I’m trying to build a data pipeline using tf.data that would build a time series of the past 5 rows. Since I have more than 6000 different csv files, these cannot fit in memory and cannot be preprocessed and saved in disk due to size.
To read the 6K csv’s I’m trying to use tf.data.experimental.make_csv_dataset
and apply an overlapping window with the window function. The closest I’ve got so far is:
dataset = tf.data.experimental.make_csv_dataset(
file_pattern="/path/stock/*1min*.csv",
batch_size=1,
num_epochs=1,
shuffle=False,
header=False,
column_names=['timestamp','open','high', 'low', 'close', 'volume'],
column_defaults=[tf.string, tf.float32, tf.float32, tf.float32, tf.float32, tf.float32]
).window(
size=5, # Number of rows per window
shift=1, # Stride for overlapping windows
stride=1
)
Ideally I should end up with a shape of (M, 5 timesteps, 4 [open, low, high, close])
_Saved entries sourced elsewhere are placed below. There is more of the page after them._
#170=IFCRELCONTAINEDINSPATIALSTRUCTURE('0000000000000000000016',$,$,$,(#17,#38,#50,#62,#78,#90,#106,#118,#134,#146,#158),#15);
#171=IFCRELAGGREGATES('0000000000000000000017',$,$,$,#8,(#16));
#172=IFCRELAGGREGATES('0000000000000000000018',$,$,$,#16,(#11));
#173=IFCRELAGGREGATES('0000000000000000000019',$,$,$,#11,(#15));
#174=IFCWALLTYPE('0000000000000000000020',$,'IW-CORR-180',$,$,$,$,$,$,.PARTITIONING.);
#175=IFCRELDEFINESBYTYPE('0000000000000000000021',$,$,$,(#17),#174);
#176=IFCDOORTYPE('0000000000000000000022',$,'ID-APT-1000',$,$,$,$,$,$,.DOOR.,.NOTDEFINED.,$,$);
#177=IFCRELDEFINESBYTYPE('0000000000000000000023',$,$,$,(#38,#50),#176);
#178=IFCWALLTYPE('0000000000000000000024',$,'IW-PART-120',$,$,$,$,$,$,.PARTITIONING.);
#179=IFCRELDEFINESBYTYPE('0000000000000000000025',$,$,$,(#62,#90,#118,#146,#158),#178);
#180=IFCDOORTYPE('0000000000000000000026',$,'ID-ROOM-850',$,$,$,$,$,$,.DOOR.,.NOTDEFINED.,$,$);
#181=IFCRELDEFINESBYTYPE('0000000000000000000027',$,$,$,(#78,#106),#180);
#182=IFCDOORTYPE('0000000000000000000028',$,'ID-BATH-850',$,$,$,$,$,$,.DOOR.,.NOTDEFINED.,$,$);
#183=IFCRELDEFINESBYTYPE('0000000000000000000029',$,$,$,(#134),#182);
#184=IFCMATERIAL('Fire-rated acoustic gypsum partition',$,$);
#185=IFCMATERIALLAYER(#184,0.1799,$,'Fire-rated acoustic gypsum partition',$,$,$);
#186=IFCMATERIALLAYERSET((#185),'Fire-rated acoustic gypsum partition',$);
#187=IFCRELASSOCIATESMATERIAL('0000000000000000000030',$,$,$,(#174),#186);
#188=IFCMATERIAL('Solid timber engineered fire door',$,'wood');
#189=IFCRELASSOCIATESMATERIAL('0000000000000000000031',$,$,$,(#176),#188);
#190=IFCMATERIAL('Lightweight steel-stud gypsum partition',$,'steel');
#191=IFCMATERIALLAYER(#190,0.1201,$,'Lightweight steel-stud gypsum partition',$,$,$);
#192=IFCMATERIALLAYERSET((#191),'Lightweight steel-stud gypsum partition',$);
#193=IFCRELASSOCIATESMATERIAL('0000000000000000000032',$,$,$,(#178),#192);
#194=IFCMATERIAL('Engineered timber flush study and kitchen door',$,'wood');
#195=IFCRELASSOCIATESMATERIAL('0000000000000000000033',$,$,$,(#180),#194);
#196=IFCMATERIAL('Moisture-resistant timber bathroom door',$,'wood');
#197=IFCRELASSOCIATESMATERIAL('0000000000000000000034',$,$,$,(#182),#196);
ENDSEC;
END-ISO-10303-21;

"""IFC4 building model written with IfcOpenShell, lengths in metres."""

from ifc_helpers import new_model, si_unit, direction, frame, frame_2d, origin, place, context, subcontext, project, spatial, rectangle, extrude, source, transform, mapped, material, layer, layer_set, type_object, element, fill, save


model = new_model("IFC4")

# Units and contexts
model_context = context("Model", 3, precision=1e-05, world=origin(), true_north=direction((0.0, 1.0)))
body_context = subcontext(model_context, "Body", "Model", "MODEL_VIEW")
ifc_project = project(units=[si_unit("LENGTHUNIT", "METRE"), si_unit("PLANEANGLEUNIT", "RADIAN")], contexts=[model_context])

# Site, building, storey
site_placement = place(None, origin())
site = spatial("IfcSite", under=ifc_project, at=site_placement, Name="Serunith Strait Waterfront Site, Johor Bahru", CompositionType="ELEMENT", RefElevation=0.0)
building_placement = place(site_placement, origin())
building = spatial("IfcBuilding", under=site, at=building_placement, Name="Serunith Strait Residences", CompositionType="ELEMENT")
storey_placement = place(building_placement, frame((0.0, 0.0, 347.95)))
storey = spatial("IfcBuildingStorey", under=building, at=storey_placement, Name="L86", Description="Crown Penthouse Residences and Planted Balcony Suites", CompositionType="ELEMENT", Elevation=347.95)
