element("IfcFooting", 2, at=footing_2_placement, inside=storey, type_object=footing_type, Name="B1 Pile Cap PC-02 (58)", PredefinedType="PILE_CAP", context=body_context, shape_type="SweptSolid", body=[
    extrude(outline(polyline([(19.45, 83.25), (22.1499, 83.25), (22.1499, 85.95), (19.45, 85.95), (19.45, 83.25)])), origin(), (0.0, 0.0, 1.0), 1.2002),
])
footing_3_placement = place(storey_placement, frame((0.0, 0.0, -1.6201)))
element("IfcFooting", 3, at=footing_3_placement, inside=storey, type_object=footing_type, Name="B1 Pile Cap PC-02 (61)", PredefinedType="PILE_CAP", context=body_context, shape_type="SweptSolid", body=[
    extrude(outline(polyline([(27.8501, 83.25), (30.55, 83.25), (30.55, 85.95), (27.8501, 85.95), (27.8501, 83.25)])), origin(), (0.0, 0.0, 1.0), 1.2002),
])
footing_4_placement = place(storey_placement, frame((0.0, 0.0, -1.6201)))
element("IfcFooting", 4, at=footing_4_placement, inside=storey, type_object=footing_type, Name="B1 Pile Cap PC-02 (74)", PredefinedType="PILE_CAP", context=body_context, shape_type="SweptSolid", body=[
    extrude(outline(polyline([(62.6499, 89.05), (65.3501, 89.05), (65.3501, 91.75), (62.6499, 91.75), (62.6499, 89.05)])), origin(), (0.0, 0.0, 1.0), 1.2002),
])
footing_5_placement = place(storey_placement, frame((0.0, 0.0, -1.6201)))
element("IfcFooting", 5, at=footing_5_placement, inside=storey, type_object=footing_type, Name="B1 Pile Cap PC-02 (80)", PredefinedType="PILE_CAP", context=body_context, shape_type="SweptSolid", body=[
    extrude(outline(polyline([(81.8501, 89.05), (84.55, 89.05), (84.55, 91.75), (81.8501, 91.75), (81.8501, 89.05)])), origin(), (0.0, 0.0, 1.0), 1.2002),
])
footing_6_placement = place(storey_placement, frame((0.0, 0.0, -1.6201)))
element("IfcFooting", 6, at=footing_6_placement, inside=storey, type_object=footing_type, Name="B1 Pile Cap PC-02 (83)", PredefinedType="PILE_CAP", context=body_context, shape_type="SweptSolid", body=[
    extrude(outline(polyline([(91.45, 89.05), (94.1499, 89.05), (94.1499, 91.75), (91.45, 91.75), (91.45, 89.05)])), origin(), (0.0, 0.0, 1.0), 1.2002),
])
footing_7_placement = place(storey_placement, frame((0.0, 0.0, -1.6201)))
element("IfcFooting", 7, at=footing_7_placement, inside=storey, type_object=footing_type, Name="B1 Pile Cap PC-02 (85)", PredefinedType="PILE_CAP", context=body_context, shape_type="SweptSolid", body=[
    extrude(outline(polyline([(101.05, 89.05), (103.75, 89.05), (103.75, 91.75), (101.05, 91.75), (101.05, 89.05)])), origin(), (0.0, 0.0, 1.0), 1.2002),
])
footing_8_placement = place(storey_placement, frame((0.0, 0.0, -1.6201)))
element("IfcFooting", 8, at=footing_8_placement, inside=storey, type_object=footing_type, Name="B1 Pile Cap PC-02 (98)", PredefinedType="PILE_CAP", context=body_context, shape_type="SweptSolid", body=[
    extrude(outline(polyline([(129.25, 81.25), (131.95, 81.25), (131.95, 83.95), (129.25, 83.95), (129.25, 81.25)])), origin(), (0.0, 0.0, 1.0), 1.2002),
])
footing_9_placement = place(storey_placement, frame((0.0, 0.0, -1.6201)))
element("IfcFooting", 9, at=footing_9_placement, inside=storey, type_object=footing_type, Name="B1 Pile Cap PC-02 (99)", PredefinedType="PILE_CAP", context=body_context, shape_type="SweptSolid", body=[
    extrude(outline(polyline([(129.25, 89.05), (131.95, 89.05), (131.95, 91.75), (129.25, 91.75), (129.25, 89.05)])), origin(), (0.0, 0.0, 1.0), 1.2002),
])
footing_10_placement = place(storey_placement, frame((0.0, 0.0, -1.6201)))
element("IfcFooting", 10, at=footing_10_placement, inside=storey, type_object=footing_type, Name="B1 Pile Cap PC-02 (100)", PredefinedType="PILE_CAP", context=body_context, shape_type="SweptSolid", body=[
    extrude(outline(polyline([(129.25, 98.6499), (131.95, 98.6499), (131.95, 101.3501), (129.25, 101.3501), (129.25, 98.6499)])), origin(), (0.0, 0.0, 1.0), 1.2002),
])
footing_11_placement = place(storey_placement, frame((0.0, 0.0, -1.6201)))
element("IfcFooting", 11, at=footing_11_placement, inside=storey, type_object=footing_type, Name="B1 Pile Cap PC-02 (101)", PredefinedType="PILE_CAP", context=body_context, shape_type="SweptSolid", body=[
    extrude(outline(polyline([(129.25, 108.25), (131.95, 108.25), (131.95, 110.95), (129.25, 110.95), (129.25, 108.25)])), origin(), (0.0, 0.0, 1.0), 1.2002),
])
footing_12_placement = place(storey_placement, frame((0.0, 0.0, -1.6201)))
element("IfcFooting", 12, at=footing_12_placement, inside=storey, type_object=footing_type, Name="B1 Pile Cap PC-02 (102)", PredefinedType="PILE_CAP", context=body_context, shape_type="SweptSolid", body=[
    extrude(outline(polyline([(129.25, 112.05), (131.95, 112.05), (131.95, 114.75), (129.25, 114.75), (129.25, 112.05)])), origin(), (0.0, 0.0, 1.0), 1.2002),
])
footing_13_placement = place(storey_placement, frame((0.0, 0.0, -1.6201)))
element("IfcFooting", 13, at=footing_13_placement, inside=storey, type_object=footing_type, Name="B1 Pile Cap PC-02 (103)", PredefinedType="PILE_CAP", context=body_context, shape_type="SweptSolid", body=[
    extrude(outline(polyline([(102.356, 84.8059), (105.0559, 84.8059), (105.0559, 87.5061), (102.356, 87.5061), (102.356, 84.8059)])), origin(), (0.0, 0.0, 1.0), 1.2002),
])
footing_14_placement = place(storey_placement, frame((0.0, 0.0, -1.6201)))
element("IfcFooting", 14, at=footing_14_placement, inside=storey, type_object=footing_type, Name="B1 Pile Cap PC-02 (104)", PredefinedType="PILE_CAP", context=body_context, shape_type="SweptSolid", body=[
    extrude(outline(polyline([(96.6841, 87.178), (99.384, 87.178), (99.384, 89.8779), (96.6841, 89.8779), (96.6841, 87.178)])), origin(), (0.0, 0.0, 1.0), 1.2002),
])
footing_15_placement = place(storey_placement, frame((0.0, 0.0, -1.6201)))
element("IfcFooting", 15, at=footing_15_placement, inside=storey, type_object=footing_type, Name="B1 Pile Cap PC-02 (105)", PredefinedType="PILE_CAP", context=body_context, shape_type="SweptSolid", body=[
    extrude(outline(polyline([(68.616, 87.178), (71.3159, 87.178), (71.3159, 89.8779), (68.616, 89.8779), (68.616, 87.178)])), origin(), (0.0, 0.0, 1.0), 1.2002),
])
I’m trying to write a map function that would take the dataset of datasets and convert it so that I can feed that to the model.
The issues I’m facing are: Im not able to write the map function to build and return the arrays or each timestep. I havent found a way to group the timesteps by date, as I dont want to build timesteps spanning multiple days. Lastly even if I attach a shuffle to the window dataset, it seems to only shuffle from a single file and not from the whole dataset.
How to solve this issue? Is there a better way to accomplish this task? Any help is greatly appreciated.